ふつふつと人気を集め始めた「自分らしく」本

 そんな状況もあってか、韓国では2018年あたりから売れている本の流れが明確に変わってきました。日本でもヒットした『私は私のままで生きることにした』だったり、くまのプーさんの名言集『幸せなことは毎日ある』とか、『ぼのぼのみたいに生きられたらいいのに』のような、背伸びせず、自分らしく生きることを後押しする本が売れ始めたのです。

 私が翻訳を担当した『あやうく一生懸命生きるところだった』も、そんなときにタイミングよく出た一冊でした。この本も、タイトル、内容を含め、世の中の空気にバッチリはまったように思います。実際、韓国での本書のレビューを見ると、「自分のことを書いているのかと思った」など、共感の声がものすごく多いことがわかります。

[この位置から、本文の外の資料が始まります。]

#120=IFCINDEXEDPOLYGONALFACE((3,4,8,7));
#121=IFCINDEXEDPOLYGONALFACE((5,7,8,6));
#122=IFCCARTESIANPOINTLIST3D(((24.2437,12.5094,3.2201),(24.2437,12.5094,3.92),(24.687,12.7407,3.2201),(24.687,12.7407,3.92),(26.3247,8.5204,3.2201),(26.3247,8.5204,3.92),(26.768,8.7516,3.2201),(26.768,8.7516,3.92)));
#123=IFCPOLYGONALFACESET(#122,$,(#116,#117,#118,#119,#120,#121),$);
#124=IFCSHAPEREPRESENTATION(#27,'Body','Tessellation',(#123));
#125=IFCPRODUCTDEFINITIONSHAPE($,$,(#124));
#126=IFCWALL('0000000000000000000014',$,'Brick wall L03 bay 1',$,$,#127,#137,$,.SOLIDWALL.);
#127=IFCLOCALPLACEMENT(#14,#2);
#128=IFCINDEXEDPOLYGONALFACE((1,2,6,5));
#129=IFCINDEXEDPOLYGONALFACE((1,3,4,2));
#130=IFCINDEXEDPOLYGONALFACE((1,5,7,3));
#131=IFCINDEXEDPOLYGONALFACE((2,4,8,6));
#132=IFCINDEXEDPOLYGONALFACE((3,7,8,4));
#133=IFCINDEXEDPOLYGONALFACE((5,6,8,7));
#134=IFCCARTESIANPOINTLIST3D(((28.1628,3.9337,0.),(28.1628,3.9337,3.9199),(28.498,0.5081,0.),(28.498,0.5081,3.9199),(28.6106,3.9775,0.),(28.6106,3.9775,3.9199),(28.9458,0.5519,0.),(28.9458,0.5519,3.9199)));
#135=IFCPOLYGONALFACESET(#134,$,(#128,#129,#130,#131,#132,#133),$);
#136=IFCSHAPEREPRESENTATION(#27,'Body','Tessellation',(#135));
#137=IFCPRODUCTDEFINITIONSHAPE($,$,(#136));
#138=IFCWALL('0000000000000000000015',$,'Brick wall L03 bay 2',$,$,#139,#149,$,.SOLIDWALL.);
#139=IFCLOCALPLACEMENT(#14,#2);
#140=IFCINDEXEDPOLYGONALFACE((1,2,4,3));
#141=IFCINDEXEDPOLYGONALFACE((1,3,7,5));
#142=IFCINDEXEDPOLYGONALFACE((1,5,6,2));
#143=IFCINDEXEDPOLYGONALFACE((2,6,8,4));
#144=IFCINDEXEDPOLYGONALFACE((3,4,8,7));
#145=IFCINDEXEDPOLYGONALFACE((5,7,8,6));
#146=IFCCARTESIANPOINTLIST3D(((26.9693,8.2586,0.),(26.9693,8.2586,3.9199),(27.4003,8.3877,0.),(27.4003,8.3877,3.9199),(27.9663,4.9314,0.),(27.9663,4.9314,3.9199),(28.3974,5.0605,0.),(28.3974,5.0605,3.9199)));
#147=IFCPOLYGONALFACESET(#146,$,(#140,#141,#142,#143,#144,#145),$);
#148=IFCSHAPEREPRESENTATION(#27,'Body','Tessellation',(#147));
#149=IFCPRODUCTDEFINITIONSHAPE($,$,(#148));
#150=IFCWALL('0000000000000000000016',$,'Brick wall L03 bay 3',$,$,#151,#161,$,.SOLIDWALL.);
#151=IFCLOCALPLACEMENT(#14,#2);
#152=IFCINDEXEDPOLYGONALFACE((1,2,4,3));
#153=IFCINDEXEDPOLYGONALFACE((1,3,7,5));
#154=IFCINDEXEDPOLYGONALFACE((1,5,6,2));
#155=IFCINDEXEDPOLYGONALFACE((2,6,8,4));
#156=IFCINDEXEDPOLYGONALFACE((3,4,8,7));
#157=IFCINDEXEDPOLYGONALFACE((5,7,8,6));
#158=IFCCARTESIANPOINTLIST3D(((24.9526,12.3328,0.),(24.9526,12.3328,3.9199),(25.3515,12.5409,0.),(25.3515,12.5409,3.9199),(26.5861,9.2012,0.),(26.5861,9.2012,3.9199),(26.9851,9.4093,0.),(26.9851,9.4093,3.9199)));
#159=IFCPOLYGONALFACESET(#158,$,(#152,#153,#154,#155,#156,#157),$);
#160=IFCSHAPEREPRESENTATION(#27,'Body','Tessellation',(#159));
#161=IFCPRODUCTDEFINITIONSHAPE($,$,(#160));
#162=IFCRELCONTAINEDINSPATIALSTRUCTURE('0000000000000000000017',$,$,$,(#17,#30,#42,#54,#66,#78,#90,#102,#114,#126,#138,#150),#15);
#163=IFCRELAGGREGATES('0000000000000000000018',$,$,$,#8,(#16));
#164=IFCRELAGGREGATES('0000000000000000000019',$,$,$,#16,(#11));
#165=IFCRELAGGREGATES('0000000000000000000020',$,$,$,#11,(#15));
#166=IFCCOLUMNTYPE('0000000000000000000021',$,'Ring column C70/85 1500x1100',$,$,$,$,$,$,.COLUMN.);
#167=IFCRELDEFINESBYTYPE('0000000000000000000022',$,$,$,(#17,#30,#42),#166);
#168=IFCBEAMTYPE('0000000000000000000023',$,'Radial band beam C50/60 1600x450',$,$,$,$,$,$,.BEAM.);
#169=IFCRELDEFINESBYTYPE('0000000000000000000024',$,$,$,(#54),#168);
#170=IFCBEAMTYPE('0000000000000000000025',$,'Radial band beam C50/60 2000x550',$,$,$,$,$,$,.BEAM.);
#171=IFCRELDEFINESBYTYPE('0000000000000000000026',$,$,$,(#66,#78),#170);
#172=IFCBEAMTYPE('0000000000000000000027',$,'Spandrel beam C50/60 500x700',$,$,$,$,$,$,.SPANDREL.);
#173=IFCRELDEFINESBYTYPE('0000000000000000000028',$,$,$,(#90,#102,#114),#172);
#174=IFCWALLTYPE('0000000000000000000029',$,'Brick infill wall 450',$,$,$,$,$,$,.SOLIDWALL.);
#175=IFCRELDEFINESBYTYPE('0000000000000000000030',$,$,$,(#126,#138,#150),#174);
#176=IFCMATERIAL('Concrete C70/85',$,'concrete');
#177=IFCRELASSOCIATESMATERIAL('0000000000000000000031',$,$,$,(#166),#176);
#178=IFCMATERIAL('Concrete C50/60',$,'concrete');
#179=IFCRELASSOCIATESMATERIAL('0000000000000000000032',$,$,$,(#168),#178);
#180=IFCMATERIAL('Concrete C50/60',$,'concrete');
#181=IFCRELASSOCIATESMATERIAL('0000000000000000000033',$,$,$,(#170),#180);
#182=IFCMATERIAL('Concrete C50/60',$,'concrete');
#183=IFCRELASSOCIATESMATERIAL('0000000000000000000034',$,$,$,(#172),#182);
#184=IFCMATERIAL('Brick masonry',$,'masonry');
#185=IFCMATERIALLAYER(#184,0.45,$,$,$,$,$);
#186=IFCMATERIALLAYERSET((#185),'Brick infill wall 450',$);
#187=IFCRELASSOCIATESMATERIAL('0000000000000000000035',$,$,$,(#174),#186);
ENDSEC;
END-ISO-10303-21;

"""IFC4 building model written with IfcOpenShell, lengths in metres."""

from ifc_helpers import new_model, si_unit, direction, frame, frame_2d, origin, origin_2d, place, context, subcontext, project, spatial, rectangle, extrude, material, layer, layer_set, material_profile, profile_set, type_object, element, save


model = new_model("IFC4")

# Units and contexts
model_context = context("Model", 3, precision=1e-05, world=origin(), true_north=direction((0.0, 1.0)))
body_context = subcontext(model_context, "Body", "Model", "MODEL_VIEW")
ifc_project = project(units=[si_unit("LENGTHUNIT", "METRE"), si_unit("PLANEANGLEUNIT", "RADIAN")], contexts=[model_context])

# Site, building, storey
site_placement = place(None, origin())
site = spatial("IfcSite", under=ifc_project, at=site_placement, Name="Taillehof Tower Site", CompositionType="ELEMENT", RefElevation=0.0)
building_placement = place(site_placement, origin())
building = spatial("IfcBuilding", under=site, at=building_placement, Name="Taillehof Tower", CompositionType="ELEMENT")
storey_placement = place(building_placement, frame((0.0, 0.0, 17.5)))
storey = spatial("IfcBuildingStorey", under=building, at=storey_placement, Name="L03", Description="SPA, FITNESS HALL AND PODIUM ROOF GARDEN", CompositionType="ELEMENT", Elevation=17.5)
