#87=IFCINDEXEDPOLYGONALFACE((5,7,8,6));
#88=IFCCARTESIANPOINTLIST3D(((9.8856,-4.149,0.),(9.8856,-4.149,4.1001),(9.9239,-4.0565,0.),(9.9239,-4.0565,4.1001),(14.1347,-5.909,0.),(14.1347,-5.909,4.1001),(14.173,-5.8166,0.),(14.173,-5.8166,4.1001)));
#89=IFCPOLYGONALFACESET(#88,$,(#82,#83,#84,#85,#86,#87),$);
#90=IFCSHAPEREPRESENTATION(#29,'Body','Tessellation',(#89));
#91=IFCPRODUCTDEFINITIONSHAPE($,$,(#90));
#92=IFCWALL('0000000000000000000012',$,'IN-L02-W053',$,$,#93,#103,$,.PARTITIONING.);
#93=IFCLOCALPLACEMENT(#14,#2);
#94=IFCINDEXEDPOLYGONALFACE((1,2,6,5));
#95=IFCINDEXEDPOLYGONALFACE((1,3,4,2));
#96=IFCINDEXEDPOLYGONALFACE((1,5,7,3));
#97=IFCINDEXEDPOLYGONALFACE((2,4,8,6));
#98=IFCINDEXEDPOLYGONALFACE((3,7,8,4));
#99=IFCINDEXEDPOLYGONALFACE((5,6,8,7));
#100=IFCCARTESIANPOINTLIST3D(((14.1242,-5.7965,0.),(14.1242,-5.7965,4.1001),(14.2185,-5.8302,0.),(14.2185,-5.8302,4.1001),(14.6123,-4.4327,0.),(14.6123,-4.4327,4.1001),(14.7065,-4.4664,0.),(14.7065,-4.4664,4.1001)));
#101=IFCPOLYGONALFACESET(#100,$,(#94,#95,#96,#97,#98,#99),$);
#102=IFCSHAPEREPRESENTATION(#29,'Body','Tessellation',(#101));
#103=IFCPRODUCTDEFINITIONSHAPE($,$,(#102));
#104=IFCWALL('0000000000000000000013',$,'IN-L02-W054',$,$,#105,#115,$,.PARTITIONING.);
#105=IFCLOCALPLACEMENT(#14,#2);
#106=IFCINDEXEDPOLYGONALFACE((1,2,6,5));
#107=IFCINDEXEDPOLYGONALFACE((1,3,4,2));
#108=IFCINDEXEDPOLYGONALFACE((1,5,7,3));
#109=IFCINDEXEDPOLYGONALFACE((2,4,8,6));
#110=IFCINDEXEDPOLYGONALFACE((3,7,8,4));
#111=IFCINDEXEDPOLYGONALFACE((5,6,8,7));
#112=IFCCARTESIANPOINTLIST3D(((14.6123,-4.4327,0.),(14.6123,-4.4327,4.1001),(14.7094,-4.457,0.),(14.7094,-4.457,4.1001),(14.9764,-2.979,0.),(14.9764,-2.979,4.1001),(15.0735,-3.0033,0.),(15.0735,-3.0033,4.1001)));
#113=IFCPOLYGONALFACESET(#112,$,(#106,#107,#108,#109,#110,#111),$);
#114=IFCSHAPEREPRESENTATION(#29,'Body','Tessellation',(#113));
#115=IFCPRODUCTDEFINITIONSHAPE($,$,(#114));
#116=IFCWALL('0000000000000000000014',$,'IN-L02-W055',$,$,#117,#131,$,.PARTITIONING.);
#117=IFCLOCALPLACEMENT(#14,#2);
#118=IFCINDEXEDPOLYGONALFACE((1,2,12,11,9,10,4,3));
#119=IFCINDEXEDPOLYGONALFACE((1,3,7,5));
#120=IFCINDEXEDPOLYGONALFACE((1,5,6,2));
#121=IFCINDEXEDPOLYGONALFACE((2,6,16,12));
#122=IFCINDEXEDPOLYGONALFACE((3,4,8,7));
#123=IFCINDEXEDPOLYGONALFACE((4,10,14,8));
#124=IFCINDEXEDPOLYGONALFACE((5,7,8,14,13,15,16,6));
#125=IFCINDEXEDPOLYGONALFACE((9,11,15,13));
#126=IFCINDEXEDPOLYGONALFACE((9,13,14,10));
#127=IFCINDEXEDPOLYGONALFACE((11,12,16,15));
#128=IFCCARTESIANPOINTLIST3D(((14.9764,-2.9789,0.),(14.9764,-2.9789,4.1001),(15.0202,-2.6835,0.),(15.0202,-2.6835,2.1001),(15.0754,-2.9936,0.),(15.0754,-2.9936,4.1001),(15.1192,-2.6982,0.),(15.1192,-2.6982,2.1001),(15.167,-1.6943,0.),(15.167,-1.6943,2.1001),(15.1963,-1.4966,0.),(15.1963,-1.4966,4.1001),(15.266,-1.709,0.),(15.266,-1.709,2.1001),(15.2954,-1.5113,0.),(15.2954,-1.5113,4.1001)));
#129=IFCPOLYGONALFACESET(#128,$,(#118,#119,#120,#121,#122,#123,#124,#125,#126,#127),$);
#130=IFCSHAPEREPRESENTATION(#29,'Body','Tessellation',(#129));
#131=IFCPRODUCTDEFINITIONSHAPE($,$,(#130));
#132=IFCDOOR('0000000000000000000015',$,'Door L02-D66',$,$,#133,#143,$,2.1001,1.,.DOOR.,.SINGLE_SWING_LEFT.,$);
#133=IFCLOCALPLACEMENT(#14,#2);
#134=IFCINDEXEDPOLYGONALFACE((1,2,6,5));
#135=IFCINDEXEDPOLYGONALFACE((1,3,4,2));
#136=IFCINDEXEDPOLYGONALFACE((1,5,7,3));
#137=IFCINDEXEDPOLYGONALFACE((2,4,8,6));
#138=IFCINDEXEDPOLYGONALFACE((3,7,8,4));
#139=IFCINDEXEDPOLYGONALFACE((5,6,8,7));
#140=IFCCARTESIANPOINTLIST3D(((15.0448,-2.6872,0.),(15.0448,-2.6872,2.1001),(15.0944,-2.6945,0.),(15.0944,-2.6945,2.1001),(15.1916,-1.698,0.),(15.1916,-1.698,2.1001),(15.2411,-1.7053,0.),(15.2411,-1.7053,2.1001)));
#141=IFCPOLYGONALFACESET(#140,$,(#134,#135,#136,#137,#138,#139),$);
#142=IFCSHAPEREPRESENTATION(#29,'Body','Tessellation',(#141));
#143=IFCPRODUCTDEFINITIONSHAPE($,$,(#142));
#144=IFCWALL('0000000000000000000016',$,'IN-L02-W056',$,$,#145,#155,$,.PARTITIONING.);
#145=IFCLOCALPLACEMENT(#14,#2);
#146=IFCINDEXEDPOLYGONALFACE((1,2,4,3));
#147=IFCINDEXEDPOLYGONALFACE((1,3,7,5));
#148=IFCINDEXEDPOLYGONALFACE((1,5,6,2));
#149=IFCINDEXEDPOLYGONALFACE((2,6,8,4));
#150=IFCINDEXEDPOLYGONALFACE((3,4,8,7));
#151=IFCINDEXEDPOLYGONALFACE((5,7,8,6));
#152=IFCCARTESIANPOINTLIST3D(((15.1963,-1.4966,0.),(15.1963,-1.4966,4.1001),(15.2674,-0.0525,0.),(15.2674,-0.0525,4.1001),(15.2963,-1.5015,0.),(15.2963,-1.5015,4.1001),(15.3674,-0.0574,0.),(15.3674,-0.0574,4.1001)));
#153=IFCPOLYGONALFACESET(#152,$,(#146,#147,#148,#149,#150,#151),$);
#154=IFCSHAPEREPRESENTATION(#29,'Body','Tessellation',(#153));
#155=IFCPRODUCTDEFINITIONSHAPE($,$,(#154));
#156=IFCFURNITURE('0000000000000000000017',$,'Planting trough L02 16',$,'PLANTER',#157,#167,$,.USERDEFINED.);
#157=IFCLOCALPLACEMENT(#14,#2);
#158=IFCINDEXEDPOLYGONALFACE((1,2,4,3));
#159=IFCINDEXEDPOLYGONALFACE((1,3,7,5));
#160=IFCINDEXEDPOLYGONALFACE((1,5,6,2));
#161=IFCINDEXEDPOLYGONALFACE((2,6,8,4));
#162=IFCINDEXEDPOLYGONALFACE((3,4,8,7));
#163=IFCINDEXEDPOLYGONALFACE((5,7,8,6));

 また『あやうく一生懸命~』については、マーケティング面もうまかったように思います。韓国の出版社はインスタグラムなどSNSでの拡散を想定し、ブックデザインにかなり力を入れています。ヒット作の場合はスペシャルエディションとして新たなカバーをかけて新鮮味をもたせることがあるのですが、本書についても夏休みバージョン、お花見バージョン、クリスマスバージョンなど5回ほどカバーを変えています。